[RFC] FFI libraries

Preamble

Haskell’s FFI is rather mission-critical for writing real-world applications. While GHC support for it is fine1, on the community level there is both little guidance on the matter and some rather daunting tooling problems. The result is a fractured ecosystem where every person has a different approach to FFI and it is far easier to hardcode a C library into your project than it is to make bindings to one.


1. Other than perhaps the foreign import unsafe qualifier. The person using the library typically knows better whether they want the safe or unsafe variant.

Definitions

A foreign library is a library written in a programming language that isn’t Haskell.

An FFI library is a Haskell library containing the definitions required to interface with a foreign library.

FFI libraries

At the centre of the proposal lies a concept of an FFI library, which I believe to be sufficiently different from any other kind of a Haskell library to warrant both a separate name and broad ecosystem support.

An FFI library contains an unsafe, loosely typed, minimal set of definitions required to interface with a foreign library. The names for the definitions should match the respective ones in the foreign library as close as possible to avoid confusion and simplify search. The definitions generally fall into the following types:

  • Function imports for functions that can be marshalled out of the box.

    safe qualifier should be used unless the function is unsafe-only (e.g. specialized math algorithms). unsafe qualifier, if needed, should be exported in a copy of a function with _unsafe appended to it (or Unsafe if the function name is in camel case).

  • Types for functions that cannot be marshalled.

    While useless for writing code, these will be useful in documentation. Higher-level libraries are expected to create their own foreign language functions to import such definitions.

  • Types for function callbacks.

    Some of these will also be unmarshallable, ditto the previous point.

  • Type synonyms.

    newtypes should be discouraged, as they tend to clutter code more than help with safety.

  • Constants.

    Integer constants can be embedded nicely with PatternSynonyms (see gl library), strings can be embedded into pointers with MagicHash (GHC.Ptr.Ptr "honk"#). Constants should be typed as loosely as the type system allows since foreign libraries may reuse constant names in different contexts.

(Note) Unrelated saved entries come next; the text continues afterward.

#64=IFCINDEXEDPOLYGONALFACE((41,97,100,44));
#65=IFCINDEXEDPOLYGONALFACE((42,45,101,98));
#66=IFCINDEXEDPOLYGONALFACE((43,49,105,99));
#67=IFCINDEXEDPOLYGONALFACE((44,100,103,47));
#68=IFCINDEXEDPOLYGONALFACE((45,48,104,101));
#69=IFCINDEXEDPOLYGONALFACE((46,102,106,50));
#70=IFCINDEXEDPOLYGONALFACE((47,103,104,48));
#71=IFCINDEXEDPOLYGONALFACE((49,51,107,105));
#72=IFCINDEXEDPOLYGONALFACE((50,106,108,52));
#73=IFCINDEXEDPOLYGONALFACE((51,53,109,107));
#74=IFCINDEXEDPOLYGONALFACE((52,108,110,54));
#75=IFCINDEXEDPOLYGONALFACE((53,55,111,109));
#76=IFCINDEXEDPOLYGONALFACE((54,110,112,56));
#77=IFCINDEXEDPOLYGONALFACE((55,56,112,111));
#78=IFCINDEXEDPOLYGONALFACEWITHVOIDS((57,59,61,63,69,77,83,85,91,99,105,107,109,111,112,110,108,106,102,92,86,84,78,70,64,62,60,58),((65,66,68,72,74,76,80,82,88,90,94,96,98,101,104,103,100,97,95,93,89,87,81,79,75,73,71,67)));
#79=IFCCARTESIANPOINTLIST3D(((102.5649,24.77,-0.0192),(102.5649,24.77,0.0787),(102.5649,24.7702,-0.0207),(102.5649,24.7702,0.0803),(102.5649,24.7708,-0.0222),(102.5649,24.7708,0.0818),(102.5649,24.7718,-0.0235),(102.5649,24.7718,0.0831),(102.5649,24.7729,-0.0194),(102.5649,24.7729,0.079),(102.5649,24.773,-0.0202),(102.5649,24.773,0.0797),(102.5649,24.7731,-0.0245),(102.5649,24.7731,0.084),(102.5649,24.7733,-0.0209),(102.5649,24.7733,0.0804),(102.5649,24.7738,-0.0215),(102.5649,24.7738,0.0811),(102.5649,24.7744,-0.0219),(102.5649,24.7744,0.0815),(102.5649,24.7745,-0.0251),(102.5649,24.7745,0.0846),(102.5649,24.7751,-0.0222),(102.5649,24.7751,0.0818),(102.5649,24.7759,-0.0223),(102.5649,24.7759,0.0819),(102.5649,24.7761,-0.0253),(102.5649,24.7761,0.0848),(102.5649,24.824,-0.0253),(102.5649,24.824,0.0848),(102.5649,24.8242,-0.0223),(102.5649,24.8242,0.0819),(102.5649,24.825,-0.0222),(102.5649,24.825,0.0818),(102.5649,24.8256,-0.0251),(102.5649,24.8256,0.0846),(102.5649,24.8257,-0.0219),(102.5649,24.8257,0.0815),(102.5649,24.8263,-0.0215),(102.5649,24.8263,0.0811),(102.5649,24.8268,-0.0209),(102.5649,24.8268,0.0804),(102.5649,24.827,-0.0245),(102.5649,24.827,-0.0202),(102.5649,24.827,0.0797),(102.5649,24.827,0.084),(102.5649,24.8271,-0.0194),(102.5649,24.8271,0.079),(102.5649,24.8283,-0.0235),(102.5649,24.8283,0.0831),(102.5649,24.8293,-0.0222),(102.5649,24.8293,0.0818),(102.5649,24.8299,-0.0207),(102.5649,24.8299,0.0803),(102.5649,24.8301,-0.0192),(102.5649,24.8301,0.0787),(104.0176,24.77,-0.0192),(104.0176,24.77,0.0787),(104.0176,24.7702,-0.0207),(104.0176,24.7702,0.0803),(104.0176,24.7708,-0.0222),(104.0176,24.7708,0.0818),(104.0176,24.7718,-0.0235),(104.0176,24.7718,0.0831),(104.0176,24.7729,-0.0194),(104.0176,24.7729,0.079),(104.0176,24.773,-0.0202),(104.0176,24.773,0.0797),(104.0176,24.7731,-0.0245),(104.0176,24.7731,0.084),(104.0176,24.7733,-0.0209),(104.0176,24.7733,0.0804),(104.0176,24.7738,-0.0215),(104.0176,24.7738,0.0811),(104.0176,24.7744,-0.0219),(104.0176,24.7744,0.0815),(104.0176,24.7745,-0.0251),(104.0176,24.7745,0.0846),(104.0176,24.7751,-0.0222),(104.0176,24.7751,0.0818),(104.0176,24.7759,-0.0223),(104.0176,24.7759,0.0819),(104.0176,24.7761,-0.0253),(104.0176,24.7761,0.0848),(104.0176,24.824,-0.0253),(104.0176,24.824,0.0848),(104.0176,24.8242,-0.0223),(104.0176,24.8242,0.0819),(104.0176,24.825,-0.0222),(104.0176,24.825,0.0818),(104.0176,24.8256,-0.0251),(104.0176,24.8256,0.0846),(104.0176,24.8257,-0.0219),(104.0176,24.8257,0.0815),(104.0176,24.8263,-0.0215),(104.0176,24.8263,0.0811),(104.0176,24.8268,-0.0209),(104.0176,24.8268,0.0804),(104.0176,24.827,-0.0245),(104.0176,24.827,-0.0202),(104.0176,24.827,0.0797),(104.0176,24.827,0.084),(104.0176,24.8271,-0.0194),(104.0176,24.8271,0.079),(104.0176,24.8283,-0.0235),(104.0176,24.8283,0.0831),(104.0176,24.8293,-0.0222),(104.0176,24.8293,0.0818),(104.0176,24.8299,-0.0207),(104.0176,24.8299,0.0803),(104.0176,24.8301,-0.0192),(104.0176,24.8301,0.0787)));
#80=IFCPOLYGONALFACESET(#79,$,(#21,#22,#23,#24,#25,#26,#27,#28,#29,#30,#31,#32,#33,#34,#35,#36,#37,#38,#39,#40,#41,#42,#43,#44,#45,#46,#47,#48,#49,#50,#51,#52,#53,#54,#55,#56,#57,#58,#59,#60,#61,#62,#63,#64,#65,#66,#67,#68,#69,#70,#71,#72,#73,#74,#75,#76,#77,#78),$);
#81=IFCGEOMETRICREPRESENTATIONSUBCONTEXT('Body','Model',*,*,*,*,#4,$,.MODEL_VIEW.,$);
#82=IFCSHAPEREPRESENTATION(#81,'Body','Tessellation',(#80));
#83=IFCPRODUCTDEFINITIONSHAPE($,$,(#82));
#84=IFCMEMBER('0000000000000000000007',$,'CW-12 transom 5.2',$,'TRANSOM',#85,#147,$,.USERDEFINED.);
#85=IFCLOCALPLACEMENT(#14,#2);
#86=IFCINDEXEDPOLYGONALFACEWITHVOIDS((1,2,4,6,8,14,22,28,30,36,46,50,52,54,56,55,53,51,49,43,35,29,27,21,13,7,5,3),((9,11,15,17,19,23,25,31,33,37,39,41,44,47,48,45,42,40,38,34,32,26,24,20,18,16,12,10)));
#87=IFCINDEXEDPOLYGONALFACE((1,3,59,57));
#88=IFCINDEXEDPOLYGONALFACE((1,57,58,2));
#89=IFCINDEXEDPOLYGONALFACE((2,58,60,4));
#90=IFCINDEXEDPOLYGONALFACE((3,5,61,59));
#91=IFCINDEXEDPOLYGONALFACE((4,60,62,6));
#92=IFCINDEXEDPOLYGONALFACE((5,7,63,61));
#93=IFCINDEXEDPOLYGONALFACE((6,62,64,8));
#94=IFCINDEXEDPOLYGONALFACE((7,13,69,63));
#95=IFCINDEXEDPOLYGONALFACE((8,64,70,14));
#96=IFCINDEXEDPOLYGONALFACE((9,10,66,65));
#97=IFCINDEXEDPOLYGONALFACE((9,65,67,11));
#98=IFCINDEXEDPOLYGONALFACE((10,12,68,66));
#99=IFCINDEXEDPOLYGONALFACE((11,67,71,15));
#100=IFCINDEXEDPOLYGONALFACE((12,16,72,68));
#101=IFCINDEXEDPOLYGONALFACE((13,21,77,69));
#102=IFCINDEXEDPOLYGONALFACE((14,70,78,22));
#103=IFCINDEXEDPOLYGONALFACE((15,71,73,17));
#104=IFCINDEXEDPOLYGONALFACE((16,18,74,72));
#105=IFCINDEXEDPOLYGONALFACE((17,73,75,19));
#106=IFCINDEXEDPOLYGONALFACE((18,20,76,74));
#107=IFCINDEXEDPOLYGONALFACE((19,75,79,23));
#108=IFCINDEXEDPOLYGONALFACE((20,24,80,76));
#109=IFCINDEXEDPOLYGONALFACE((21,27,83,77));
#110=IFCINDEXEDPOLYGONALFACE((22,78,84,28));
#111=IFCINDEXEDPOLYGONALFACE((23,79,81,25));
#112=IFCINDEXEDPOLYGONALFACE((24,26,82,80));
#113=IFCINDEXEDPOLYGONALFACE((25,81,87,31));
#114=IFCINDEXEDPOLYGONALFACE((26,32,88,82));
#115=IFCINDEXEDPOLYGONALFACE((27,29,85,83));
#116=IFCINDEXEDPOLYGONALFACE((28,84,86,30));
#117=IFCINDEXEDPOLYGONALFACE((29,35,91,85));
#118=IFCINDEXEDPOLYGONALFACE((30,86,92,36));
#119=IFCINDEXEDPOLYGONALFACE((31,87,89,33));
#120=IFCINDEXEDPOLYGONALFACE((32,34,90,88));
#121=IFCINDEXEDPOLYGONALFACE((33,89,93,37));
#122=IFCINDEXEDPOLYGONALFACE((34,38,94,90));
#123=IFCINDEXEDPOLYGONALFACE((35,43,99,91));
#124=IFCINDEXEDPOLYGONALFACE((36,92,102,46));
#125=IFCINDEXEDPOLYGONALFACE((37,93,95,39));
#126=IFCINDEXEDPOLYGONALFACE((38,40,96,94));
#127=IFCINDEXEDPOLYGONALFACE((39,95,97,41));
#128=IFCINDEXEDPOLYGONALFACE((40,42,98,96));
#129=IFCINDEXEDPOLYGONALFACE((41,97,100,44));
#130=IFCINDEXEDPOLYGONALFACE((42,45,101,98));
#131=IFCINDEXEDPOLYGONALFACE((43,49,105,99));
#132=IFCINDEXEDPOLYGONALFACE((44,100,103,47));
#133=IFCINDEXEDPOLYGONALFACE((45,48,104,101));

  • Information for accessing structured data, arranged around an uninhabited type.

    For C structs specifically this is the total size of the struct, it’s alignment and the offset of every single field. Note that Storable is not a good abstraction here and this will thus require extra type classes in a separate library.

The rules are not set in stone and libraries should be able to break them, the spirit of the approach is far more important here.

Curiously enough this means an FFI library is also -XSafe, perhaps with the exception of foreign imports that return pure types (if those are even useful, i.e. don’t behave exactly like unsafePerformIO f).

Cabal

.cabal files have a rather curious problem: they don’t properly support foreign libraries. Foreign libraries are not the same as custom foreign code: the user should be tasked with installing a foreign library, not the FFI library maintainer.

See [RFC] Separate linking for an attempt to spec it out from my side.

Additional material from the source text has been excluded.